お芝居は稽古初日から本番までどういう組み立て方をしなければいけないかという事と、本番初日から楽日までどういう風に過ごさなければいけないのか、日々努力して更新してゆくことを怠るなという事。   そういう積み重ねがいつか実を結んで売れるという事になり、売れたらいろんな人が見に来てくれる。  これがこの世界の基本ルールですよね。

「空洞のなかみ」 昨年出版。  役者というものは、役はそのタイミングで与えられるものだし、役作りも僕の中では作る必要のないものだと思っています。  器の中にたまたまその役が入ってきて、それが出たり入ったりの繰り返しなんで、自分中心の物事を考えないほうが、いいと思います。  若いころは自分で作ろう作ろうとしていました。  セリフを覚えてくることがまず第一番ですが、相手の目の動きとか、手のしぐさとか、そういうものに感じるということでお芝居ができるという事、そこが一番面白いからやっている感じがします。   できれば空っぽになってカメラの前に立ちたいなあと思っています。
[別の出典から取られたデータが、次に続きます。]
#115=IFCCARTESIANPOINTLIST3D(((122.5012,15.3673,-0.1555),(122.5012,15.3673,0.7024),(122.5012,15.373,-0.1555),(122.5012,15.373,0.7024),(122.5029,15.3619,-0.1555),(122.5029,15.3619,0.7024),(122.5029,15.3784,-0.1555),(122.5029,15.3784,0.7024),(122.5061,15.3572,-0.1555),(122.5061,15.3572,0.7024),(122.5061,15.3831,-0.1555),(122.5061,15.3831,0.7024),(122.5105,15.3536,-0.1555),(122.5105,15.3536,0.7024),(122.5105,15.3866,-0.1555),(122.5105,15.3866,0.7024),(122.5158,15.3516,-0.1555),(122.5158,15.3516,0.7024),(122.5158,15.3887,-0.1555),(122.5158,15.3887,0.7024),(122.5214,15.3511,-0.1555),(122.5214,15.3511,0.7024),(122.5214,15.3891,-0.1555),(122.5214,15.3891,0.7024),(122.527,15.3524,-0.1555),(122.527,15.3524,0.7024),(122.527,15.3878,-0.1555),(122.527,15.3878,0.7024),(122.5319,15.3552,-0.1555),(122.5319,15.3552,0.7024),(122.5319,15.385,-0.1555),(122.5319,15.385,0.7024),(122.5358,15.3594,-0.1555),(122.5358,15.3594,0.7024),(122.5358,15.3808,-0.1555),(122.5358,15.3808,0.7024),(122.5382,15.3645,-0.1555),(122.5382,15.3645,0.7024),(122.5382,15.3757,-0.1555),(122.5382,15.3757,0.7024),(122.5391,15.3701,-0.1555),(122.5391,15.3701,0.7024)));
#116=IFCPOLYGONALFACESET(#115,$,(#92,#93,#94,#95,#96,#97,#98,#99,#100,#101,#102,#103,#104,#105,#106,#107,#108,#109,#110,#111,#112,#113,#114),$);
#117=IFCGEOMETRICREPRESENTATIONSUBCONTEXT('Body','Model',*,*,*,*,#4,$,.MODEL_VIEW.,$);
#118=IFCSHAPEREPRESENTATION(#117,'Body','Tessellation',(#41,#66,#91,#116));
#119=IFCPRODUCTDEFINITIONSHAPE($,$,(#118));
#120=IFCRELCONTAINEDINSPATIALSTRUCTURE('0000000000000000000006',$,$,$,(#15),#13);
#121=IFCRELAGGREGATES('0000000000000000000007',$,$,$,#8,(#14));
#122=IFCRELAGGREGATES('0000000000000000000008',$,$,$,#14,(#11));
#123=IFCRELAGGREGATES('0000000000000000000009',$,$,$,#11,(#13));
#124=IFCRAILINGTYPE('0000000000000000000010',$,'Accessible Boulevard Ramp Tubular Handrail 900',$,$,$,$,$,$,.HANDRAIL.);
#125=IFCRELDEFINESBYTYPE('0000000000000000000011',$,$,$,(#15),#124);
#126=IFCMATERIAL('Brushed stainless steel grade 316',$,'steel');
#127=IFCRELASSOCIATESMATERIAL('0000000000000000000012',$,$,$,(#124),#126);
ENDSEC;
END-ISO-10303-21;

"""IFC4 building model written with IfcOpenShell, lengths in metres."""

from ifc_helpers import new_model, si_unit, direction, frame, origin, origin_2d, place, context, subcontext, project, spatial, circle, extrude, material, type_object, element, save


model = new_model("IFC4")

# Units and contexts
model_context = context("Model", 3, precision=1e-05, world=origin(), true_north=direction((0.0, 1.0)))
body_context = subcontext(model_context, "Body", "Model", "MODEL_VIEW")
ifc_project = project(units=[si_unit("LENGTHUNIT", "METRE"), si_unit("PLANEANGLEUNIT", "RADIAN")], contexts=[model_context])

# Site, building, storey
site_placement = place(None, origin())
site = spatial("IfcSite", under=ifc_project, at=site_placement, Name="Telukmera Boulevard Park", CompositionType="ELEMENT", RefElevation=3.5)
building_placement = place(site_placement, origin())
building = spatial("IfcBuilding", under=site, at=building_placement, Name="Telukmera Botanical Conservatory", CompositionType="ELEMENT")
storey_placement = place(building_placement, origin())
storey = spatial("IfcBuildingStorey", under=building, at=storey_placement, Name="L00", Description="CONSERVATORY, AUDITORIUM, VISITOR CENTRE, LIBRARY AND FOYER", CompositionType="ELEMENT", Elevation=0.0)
自意識を捨てるという風になるのにはずいぶん時間がかかりました。  広隆寺の弥勒菩薩を前にして、ぼーっとしたりして、ぼーっとすることも大事と思って、禅だとかに興味が浮かび座禅道場に行き始めたり、仏教の本を読んだりしました。   自分を見つめていることからお芝居も楽しく成りました。  仏教でいうところの空の境地に近づけたらいいなという気分ですが、そういうことで楽になってきました。

「孤独のグルメ」  原作を見たら面白いんです。  飯を食べるだけでいいんですね、と言ったらそうですという事でした。  よけいなことだけはしないという事はお伝えしました。  主役は出てくる料理、食べ物で、僕はサポートするキャストだという風な関係です。  本番まで出てくる食べ物は食べないで、ドキュメンタリーに近いものです。

僕は元々音楽が好きで、蜷川さんもお芝居に音楽をつける感覚でいうと、日本でも第一人者だと思って、憧れがあったんで、映画を見る時間よりも音楽を聴いている時間が圧倒的に多かったので、音楽は僕にとっては無くてはならないものなので、ラジオ番組もやらさせてもらっています。  生活の中にずーっと音楽がかかっている感じです。  オーティス・マクドナルドに今ははまっていまして、「ホリデー」という曲が好きです。